Characterisation of the phenome associated with liver fibrosis offers a hypothesis free approach to identify novel markers of fibrosis. Metabolomic and proteomic approaches using mass spectroscopy screening have identified numerous molecules associated with advanced fibrosis in NAFLD, viral hepatitis and ALD.^115,116 Complicated methodology and lack of independent validation has limited translation into clinical practice. MicroRNA’s (miRNAs) are non-coding RNA molecules which regulate gene expression and have been illustrated to be differentially expressed in the liver of NAFLD patients according to the degree of fibrosis. Less work has been done examining circulating plasma miRNA levels, however, miRNA 122a has been associated with NASH and liver fibrosis, but has limited accuracy (AUC 0.71 and 0.61, respectively).¹¹⁷ Large multicentre collaborations (non-invasive biomarkers of metabolic liver disease (NIMBLE), LITMUS and NASH-CRN) are exploring promising biomarkers of fibrosis in NAFLD and are likely to lead to the discovery of clinically relevant panels.

CONCLUSIONS

Non-invasive assessment of liver fibrosis has become part of routine clinical care for patients with CLD. Accurate serum and imaging methods are now available, along with increased understanding of their limitations which is required for correct interpretation and application. Serum markers are valuable for screening due their ease and cost, whereas imaging-based techniques lend themselves as confirmatory tests. Advances in imaging techniques and the promise of novel markers discovered by ‘omic’ approaches mean the accuracy and clinical utility of NITs is likely to increase further in the future.

Key messages.

• Within the general population, only patients at risk of liver disease should be screened using non-invasive tests (NITs) due to the potential for false positive results.

• Serum-based tests can reliably exclude advanced fibrosis/cirrhosis and can be integrated into point-of care testing in the community.

• Sonographic elastography techniques are more accurate at diagnosing cirrhosis than serum NITs and can be confirmatory of a high serum test result.

• Using concurrent serum and vibration-controlled transient elastography increases diagnostic accuracy and specificity for determining advanced fibrosis.

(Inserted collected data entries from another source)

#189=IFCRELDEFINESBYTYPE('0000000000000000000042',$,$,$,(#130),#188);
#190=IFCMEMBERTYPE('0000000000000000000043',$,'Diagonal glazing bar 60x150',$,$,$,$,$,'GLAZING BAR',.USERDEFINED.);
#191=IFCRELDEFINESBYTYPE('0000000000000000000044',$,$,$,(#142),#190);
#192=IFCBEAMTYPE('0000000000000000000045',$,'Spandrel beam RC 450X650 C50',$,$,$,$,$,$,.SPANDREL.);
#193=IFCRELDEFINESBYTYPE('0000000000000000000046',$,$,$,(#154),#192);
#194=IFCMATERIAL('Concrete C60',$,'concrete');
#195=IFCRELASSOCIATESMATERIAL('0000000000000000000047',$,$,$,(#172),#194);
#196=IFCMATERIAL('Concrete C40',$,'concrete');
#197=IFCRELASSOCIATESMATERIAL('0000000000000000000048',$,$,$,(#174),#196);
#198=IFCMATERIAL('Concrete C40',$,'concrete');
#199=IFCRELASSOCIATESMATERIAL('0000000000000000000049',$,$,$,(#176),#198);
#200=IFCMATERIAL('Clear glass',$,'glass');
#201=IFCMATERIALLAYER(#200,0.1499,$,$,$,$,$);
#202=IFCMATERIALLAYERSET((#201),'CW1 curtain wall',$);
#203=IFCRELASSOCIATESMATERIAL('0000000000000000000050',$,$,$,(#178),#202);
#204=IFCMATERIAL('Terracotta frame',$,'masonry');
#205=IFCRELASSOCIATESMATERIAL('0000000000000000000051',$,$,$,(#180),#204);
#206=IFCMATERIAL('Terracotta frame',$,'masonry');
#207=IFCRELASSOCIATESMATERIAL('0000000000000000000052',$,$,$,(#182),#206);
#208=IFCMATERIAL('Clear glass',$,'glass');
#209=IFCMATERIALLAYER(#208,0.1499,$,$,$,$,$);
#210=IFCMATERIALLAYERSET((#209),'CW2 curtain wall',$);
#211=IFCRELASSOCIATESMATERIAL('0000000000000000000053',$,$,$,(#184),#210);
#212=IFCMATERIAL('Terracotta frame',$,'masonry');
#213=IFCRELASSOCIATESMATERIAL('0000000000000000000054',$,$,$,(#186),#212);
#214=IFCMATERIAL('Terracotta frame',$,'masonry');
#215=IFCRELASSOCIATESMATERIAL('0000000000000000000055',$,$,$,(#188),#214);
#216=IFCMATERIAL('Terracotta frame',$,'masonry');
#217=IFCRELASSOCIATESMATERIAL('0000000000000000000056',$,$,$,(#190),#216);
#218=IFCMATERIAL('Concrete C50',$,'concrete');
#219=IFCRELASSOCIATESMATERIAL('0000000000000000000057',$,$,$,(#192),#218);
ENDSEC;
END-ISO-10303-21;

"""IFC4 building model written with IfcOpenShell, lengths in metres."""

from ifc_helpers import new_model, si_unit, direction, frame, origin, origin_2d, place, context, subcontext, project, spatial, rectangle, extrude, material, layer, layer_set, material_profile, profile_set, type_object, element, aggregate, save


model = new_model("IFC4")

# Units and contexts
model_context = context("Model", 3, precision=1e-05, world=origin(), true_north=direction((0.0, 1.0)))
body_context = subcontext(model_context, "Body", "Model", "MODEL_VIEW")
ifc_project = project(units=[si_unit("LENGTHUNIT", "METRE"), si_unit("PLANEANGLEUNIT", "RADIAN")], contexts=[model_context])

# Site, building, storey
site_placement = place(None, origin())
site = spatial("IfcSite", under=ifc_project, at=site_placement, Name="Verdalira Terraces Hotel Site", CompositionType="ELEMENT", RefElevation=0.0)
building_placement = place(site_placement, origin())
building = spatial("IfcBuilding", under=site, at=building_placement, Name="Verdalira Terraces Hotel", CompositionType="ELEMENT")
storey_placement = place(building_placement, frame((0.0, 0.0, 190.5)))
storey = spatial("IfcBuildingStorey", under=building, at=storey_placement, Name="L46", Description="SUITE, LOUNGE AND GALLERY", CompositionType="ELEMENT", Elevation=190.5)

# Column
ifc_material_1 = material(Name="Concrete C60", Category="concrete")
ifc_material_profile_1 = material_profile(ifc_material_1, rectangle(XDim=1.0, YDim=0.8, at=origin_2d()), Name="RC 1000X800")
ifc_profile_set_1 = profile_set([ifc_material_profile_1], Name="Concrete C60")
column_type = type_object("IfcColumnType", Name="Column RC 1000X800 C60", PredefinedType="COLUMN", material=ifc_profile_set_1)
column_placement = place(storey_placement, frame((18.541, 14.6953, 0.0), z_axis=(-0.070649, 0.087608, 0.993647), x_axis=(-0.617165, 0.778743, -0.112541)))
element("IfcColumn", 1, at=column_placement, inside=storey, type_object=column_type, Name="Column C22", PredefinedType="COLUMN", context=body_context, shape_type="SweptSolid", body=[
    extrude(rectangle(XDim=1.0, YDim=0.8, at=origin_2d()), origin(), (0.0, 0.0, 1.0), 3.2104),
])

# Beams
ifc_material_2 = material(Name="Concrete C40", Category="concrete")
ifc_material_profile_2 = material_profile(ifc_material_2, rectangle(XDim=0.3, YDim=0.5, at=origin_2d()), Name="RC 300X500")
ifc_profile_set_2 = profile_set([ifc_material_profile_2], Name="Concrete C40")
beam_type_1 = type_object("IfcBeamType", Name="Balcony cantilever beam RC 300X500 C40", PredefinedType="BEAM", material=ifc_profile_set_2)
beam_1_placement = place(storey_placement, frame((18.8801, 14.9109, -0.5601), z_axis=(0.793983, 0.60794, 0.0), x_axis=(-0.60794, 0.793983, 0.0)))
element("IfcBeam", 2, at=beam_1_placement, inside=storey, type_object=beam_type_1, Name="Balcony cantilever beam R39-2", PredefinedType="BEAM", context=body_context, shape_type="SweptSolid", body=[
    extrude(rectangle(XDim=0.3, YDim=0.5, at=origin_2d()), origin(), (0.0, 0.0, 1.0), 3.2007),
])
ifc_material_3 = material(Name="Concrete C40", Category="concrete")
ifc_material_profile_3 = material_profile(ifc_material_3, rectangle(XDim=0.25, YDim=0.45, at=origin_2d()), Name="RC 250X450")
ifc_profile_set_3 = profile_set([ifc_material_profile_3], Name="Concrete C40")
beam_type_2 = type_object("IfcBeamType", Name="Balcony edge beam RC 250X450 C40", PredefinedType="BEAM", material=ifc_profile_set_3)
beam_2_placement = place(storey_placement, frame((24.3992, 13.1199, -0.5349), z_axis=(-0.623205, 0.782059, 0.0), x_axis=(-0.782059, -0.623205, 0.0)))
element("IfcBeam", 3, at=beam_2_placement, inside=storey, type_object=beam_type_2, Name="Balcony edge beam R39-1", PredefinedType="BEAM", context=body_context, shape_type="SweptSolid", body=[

• Obesity significantly impacts scan success rate and validity of newer sonographic elastography methods such as point and shear wave elastography.

• Serum and sonographic elastography tests have limited accuracy in monitoring fibrosis change in response to therapy.

• In patients with non-alcoholic fatty liver disease (NAFLD), stable AST-Platelet Ratio Index, Fibrosis Score 4 and NAFLD Fibrosis Scores confirm absence of fibrosis progression, however, score increase is poorly predictive of fibrosis progression.

• MR elastography is currently the most accurate NIT across the spectrum of liver fibrosis and offers promise in the assessment of response to antifibrotic drugs.